17. Version 1.0.2 (released on Jan 24, 2012)

NEW FEATURES:

  • Jan 4, 2012: add parameter --style to format tped to allow output of genotype in numeric style
  • Jan 4, 2012: allow command vtools phenotype --from_stat to use conditions that involve variant tables in the project.
  • Jan 23, 2012: Add a new import format map. A new functor is created to retrieve reference and alternative alleles from dbSNP.

BUGS:

  • Jan 11, 2012: Fix a bug that prevents the removal of genotype in command vtools remove variant if the genotype tables are not indexed.
  • Jan 11-13, 2012: Fix the use of vtools_report under python 3.
  • Jan 17, 2012: Fix the use of annotation database when exporting in TPED format.
  • Jan 23, 2012: Remove the use of COLLATE in a query to avoid potential compatibility problems.
  • Jan 23, 2012: Fix a bug that causes duplicate output in commands vtools output and vtools export.
  • Jan 23, 2012: Fix a bug for the detection of the existence of indexes.

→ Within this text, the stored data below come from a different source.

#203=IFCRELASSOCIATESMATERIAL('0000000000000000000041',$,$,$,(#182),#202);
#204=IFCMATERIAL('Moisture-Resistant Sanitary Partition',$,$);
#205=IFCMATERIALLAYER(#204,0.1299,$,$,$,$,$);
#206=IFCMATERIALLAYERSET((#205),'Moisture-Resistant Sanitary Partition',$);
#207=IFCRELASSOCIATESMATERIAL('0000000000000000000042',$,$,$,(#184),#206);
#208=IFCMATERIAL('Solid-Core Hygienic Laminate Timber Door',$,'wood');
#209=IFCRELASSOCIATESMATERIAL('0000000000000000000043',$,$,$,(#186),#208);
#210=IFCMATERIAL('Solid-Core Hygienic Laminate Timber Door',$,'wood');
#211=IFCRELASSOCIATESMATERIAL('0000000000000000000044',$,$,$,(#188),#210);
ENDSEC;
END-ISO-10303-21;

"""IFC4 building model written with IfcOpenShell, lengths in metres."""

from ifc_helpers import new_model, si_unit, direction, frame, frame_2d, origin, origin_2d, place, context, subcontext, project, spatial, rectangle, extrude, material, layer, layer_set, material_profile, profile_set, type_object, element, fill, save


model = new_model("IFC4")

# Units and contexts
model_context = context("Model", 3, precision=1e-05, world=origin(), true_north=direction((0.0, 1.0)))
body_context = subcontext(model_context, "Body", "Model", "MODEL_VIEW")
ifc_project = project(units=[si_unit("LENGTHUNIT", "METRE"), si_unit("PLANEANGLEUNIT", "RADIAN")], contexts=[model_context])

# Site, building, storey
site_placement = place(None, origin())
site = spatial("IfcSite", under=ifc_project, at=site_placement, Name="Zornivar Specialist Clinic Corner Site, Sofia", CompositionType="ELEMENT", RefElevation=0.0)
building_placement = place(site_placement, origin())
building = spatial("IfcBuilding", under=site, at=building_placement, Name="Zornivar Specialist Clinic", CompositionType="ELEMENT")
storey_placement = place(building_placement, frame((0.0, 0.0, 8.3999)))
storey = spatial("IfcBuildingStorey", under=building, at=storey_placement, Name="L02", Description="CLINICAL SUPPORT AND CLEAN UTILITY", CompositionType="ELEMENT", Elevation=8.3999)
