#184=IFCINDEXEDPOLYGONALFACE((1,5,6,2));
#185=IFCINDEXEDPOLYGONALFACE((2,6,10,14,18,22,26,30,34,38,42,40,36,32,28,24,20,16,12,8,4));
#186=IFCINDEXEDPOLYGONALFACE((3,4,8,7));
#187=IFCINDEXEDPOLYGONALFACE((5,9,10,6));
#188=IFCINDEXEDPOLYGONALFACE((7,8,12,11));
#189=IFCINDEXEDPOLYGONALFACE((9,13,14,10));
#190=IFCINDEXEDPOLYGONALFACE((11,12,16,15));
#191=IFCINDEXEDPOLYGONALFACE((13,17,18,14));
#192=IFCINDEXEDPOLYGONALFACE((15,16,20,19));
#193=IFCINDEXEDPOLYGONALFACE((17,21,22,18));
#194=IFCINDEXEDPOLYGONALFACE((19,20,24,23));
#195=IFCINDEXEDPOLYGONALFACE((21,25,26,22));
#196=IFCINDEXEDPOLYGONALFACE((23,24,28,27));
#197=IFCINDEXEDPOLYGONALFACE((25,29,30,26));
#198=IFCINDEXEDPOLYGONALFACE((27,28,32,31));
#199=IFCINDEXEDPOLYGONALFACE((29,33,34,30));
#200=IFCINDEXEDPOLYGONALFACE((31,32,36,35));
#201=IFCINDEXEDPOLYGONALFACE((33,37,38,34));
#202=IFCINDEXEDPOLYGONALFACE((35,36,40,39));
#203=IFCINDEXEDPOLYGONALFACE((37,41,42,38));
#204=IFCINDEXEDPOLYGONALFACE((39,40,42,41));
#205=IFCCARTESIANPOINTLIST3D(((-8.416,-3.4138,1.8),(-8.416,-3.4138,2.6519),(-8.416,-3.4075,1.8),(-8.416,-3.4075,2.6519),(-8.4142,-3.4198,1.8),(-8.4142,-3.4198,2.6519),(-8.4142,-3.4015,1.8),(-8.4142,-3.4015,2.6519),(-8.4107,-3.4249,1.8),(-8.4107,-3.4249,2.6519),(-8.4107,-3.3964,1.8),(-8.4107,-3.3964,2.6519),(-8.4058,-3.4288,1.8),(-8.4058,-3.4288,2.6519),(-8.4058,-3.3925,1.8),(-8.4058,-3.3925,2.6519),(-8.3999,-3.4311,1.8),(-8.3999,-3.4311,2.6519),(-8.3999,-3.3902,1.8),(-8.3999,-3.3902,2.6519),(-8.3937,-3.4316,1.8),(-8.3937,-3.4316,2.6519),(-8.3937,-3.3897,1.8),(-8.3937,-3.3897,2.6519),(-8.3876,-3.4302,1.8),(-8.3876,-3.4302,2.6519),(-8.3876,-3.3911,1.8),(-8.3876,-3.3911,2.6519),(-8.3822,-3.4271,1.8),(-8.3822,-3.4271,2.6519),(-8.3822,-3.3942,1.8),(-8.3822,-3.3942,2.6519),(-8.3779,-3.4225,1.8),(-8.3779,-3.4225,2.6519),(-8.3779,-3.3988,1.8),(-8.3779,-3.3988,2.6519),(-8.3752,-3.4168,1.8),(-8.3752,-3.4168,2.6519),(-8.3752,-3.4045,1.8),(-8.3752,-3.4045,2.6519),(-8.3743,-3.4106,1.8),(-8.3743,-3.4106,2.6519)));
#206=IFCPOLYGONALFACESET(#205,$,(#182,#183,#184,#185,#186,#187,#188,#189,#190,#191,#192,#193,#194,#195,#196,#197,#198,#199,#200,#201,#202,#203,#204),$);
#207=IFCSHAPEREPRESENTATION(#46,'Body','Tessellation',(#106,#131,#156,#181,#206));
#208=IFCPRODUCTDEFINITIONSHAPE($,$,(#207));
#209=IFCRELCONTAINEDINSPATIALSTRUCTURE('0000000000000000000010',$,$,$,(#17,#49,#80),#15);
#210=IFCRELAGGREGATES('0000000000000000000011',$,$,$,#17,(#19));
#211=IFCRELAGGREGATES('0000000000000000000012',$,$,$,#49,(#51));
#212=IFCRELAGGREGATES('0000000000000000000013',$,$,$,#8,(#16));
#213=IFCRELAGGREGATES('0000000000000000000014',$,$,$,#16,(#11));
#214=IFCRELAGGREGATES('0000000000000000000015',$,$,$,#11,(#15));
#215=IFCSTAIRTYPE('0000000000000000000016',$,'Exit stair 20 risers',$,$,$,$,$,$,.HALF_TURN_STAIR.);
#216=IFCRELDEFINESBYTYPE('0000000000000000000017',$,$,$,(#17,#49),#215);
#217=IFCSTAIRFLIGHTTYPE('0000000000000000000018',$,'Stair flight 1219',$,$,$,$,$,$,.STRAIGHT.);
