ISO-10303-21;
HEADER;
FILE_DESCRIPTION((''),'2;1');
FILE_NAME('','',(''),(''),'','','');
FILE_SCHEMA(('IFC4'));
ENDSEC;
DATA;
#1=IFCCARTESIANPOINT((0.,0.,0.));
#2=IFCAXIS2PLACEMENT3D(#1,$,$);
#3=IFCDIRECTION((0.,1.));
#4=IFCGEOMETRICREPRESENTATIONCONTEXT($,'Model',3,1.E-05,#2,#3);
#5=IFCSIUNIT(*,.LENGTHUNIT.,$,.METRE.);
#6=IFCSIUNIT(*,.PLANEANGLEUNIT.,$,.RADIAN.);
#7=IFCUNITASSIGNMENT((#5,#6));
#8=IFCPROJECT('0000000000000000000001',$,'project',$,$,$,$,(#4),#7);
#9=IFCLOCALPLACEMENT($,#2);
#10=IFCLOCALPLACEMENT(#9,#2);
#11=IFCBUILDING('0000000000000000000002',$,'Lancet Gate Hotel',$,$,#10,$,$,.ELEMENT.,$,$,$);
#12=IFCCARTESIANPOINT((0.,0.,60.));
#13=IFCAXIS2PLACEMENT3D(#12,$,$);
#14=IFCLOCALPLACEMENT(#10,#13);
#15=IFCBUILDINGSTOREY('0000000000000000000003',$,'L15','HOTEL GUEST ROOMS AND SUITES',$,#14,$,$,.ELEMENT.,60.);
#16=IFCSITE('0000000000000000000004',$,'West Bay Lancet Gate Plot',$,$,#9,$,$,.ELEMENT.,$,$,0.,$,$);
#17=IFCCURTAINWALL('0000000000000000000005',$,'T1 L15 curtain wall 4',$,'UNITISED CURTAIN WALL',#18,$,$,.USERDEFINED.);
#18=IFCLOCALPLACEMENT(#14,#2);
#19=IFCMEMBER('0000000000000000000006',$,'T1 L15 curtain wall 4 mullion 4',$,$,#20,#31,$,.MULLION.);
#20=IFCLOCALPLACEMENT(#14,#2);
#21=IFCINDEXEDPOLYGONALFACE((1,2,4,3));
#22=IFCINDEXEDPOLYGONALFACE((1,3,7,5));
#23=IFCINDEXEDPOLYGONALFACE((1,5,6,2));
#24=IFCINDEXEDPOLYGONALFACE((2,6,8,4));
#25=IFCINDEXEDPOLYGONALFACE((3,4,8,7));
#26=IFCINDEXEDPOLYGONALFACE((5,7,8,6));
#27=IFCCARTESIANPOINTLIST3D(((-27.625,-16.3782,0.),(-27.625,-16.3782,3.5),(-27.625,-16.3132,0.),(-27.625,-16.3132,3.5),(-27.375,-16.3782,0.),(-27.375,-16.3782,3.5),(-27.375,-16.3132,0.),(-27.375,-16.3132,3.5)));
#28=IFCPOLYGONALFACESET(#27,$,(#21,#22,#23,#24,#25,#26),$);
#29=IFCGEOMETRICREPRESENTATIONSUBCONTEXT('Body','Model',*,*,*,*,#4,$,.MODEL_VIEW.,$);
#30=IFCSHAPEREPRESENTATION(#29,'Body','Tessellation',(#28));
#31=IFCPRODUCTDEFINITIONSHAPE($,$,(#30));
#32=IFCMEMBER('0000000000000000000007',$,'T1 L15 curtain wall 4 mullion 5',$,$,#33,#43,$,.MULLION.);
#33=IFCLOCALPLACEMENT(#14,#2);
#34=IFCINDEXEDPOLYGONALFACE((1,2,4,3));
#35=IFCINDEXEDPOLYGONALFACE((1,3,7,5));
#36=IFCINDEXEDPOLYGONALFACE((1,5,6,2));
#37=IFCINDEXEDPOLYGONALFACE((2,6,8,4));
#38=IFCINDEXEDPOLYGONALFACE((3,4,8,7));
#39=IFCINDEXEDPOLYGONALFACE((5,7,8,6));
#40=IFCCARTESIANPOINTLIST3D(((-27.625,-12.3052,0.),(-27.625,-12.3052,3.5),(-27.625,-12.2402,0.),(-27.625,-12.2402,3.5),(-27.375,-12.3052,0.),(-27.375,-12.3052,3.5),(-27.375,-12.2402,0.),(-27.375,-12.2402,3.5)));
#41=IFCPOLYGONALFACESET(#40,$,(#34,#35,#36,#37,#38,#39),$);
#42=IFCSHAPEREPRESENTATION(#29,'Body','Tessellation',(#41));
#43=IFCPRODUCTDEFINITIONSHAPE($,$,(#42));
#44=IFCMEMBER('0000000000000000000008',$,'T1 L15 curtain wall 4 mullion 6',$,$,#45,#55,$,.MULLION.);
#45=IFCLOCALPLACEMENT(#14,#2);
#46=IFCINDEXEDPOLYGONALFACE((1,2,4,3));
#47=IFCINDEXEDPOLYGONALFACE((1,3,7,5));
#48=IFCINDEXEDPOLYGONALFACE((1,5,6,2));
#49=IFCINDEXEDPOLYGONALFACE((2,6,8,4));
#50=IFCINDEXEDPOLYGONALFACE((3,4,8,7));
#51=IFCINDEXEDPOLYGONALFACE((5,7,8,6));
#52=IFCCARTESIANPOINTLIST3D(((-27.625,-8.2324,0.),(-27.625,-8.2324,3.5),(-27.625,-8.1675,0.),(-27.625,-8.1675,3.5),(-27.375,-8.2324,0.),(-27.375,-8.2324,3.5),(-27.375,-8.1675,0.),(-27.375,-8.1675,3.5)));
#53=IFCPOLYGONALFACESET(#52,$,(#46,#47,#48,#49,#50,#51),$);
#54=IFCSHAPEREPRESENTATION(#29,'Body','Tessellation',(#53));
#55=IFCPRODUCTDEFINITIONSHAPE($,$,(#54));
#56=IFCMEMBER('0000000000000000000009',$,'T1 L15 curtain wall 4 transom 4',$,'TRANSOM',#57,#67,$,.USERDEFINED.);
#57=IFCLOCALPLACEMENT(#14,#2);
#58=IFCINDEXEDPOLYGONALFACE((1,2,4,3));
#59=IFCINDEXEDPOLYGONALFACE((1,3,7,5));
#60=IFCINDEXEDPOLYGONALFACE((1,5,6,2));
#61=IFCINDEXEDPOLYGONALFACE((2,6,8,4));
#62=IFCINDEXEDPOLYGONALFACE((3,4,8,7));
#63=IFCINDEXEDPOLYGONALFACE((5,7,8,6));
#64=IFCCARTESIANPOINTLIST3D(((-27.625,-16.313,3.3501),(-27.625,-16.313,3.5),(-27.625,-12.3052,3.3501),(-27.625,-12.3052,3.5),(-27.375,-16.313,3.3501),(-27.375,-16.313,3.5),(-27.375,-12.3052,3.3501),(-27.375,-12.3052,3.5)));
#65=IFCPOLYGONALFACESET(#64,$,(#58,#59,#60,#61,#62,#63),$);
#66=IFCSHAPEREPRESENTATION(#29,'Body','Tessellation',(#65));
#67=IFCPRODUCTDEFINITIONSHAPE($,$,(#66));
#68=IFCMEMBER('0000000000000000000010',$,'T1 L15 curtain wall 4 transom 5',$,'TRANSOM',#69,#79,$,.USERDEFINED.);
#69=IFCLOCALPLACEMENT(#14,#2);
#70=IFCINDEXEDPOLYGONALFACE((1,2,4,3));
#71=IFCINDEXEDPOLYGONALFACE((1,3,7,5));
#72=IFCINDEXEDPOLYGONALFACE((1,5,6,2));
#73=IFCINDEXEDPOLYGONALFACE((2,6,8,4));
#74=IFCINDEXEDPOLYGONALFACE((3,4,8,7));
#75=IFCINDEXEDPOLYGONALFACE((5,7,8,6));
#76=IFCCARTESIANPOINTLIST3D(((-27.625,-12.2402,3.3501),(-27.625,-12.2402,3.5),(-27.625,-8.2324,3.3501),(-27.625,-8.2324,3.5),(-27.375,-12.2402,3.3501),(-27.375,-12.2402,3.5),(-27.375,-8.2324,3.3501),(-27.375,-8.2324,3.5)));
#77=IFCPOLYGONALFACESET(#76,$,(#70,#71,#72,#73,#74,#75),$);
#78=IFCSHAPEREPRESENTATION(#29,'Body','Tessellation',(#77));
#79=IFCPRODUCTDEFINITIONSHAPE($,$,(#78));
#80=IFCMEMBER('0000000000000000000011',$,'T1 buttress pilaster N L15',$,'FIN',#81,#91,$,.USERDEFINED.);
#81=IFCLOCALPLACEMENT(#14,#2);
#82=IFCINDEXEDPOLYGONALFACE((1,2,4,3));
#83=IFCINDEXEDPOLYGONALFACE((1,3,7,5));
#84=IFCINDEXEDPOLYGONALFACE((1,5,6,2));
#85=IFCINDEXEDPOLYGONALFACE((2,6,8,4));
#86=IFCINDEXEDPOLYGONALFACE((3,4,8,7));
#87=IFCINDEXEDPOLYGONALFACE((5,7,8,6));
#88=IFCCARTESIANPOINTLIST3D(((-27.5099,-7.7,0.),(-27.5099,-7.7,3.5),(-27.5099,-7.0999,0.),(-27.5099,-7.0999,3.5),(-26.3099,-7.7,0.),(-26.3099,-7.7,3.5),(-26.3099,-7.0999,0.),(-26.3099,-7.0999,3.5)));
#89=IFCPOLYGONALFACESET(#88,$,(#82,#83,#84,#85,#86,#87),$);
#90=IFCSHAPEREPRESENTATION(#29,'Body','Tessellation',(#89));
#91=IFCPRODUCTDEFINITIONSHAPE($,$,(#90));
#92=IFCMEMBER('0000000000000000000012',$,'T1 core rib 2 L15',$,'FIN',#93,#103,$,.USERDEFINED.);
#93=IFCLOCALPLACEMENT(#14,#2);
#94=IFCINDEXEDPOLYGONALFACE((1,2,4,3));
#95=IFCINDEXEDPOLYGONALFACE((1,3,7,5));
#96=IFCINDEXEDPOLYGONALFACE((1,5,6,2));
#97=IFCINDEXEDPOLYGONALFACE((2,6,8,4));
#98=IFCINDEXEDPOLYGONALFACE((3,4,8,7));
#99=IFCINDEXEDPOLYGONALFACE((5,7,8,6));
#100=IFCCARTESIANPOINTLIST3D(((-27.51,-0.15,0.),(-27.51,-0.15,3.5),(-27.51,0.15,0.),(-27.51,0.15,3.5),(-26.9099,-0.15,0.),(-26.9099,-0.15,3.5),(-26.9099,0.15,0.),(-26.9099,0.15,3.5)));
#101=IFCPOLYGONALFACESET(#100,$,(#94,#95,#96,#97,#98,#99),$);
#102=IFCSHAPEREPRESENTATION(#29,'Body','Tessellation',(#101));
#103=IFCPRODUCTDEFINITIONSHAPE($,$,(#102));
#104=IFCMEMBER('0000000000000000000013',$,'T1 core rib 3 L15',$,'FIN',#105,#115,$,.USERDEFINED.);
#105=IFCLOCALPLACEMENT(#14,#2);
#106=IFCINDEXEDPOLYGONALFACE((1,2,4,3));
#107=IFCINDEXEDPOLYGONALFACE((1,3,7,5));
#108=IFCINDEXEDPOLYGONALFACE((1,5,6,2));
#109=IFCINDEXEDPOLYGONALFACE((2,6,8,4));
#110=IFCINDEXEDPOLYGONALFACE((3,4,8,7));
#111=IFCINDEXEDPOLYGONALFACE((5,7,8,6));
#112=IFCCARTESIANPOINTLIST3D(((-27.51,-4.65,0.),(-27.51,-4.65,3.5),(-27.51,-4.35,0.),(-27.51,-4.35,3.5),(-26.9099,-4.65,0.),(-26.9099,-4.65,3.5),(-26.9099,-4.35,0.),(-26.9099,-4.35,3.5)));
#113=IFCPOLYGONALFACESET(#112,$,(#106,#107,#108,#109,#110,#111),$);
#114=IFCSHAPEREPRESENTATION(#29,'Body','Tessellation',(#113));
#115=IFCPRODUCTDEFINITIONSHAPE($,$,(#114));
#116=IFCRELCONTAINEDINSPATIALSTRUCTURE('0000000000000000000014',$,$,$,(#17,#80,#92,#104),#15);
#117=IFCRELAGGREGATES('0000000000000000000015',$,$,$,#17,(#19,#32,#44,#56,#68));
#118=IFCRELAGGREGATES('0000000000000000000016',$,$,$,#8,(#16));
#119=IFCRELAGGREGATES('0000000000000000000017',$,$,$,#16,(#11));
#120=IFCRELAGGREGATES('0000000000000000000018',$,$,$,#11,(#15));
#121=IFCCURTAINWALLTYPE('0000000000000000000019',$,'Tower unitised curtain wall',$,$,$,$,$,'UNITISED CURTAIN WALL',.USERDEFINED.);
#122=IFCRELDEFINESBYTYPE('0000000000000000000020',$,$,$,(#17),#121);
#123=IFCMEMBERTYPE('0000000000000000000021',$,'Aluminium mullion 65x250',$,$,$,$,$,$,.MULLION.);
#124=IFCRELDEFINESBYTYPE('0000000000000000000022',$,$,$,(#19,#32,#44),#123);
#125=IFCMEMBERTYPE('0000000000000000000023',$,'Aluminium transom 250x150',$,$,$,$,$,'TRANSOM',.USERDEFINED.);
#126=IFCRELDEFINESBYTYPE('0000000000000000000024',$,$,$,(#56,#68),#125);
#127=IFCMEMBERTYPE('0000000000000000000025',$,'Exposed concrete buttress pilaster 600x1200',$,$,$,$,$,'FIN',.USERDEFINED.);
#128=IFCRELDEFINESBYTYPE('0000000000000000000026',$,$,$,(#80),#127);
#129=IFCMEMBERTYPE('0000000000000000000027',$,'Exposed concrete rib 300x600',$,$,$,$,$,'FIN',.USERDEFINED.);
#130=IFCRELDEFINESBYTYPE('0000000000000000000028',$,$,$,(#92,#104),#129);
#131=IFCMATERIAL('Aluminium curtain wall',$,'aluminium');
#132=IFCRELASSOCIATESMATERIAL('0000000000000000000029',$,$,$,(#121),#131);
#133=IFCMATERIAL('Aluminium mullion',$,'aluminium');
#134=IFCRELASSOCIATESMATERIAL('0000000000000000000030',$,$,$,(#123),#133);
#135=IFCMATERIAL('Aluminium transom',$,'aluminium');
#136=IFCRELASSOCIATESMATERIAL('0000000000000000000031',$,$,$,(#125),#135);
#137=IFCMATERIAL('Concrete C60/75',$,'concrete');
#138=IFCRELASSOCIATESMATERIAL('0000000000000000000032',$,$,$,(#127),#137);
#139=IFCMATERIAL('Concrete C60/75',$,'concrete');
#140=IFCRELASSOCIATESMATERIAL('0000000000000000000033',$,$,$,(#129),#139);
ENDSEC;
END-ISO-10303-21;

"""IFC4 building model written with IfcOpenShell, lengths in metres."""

from ifc_helpers import new_model, si_unit, direction, frame, origin, origin_2d, place, context, subcontext, project, spatial, rectangle, extrude, material, material_profile, profile_set, type_object, element, aggregate, save


model = new_model("IFC4")

# Units and contexts
model_context = context("Model", 3, precision=1e-05, world=origin(), true_north=direction((0.0, 1.0)))
body_context = subcontext(model_context, "Body", "Model", "MODEL_VIEW")
ifc_project = project(units=[si_unit("LENGTHUNIT", "METRE"), si_unit("PLANEANGLEUNIT", "RADIAN")], contexts=[model_context])

# Site, building, storey
site_placement = place(None, origin())
site = spatial("IfcSite", under=ifc_project, at=site_placement, Name="West Bay Lancet Gate Plot", CompositionType="ELEMENT", RefElevation=0.0)
building_placement = place(site_placement, origin())
building = spatial("IfcBuilding", under=site, at=building_placement, Name="Lancet Gate Hotel", CompositionType="ELEMENT")
storey_placement = place(building_placement, frame((0.0, 0.0, 60.0)))
storey = spatial("IfcBuildingStorey", under=building, at=storey_placement, Name="L15", Description="HOTEL GUEST ROOMS AND SUITES", CompositionType="ELEMENT", Elevation=60.0)
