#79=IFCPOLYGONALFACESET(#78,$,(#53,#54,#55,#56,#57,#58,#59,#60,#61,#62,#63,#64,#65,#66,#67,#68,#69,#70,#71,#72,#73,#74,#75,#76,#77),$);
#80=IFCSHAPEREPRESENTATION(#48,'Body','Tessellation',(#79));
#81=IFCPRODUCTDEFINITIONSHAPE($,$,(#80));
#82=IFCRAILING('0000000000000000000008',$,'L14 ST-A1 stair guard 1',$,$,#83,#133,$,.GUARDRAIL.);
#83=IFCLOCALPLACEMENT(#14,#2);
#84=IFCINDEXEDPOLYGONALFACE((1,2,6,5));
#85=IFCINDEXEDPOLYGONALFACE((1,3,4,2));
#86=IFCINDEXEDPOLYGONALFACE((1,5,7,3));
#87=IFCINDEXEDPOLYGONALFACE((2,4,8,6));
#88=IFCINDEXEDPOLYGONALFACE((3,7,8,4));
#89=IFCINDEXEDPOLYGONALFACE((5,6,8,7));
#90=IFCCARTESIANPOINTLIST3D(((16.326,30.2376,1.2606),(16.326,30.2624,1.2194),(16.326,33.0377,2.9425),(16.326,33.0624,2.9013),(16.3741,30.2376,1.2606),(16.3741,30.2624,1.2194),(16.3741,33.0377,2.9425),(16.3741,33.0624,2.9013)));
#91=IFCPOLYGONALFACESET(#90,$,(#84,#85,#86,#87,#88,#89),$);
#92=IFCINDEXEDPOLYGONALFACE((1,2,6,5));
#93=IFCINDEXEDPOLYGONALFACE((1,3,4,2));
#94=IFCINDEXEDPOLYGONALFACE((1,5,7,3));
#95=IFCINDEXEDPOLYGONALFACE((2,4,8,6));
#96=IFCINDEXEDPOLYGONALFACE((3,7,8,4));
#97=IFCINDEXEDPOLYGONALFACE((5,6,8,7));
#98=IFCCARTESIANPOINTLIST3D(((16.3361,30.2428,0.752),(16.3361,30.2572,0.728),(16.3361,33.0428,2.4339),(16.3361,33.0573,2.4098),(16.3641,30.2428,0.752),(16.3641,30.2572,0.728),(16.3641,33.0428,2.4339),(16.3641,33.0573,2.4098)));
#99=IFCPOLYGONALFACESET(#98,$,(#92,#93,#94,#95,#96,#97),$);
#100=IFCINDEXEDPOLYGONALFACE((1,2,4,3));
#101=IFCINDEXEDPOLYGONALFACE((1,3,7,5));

18. Version 1.0.1 (released on Jan 2nd, 2012)

NEW FEATURES:

  • Nov 20, 2011: associate command can now be executed under python 3
  • Nov 27, 2011: Add entry encoding to .ann and .fmt in order to import files with non-ascii characters
  • Dec 06, 2011: Give a warning when duplicated records are outputted
  • Dec 13, 2011: Stop altering user-provided headers for command vtools output.
  • Dec 13, 2011: Add a parameter --order_by to order output from commands select, exclude and output.
  • Dec 13, 2011: Add a new format csv.fmt in order to output fields in csv format (with properly quoted fields)
  • Dec 14, 2011: Add a keyword sort_output_by to file format specification in order to sort variants by specified fields.
  • Dec 14, 2011: Allow command vtools output to read a header from standard input using option --header -.
  • Dec 15, 2011: Add parameters anno_type and linked_fields to command vtools use in order to allow the flexibility of how an annotation database it linked.
  • Dec 15, 2011: Beautify output of vtools show when there are multiple variant tables and annotation databases.
  • Dec 15, 2011: Adding a new interface for command vtools compare and allow the comparison of more than two tables, using new parameters --intersection, --difference, and --union. The old interface still exits and functional, but has been marked as deprecated.
  • Dec 28, 2011: Allow the use of wildcard characters ? and * in table names in command vtools remove tables.

DEPRECATED:

  • Dec 14, 2011: Parameter filename for command vtools export is deprecated. Using a pipe to save output to a file is recommended.
  • Dec 15, 2011: Parameter --A_and_B, --A_or_B, --A_diff_B, and --B_diff_A are deprecated. Parameters --intersection, --difference, and --union should be used instead.
  • Dec 29, 2011: Use of name ‘field annotation database’ instead of ‘attribute annotation database’ for consistency considerations. Both names are however allowed in .ann file for backward compatibility considerations.

BUGS:

  • Dec 15, 2011: Fix a bug when number of genotype is counted when one or more samples do not have genotype field GT.
  • Dec 15, 2011: Fix a bug where vtools update table --set FIELD=NULL fails because variant tools cannot determine the type of the RHS value. This should be allowed when the LHS is an existing field.
  • Jan 1, 2012: Fix vtools export --format vcf for the output of genotype when there are two different alternative alleles.

REGRESSIONS:

  • Dec 14, 2011: parameter --header of command vtools export is redesigned to work similarly to parameter --header of the vtools output command.

INTERNAL IMPROVEMENTS:

  • Nov 17, 2011: Improve efficiency of commands vtools compare by using direct SQL query in the case of --verbosity 0
  • Nov 17, 2011: Improve efficiency of vtools remove variants by creating indexes for genotype tables before removing variants.
  • Nov 25, 2011: Improve efficiency of vtools select by creating indexes of relevant fields of the annotation database.
  • Dec 28, 2011: Improve efficiency of commands vtools select for ranged based queries by creating auxiliary binning tables.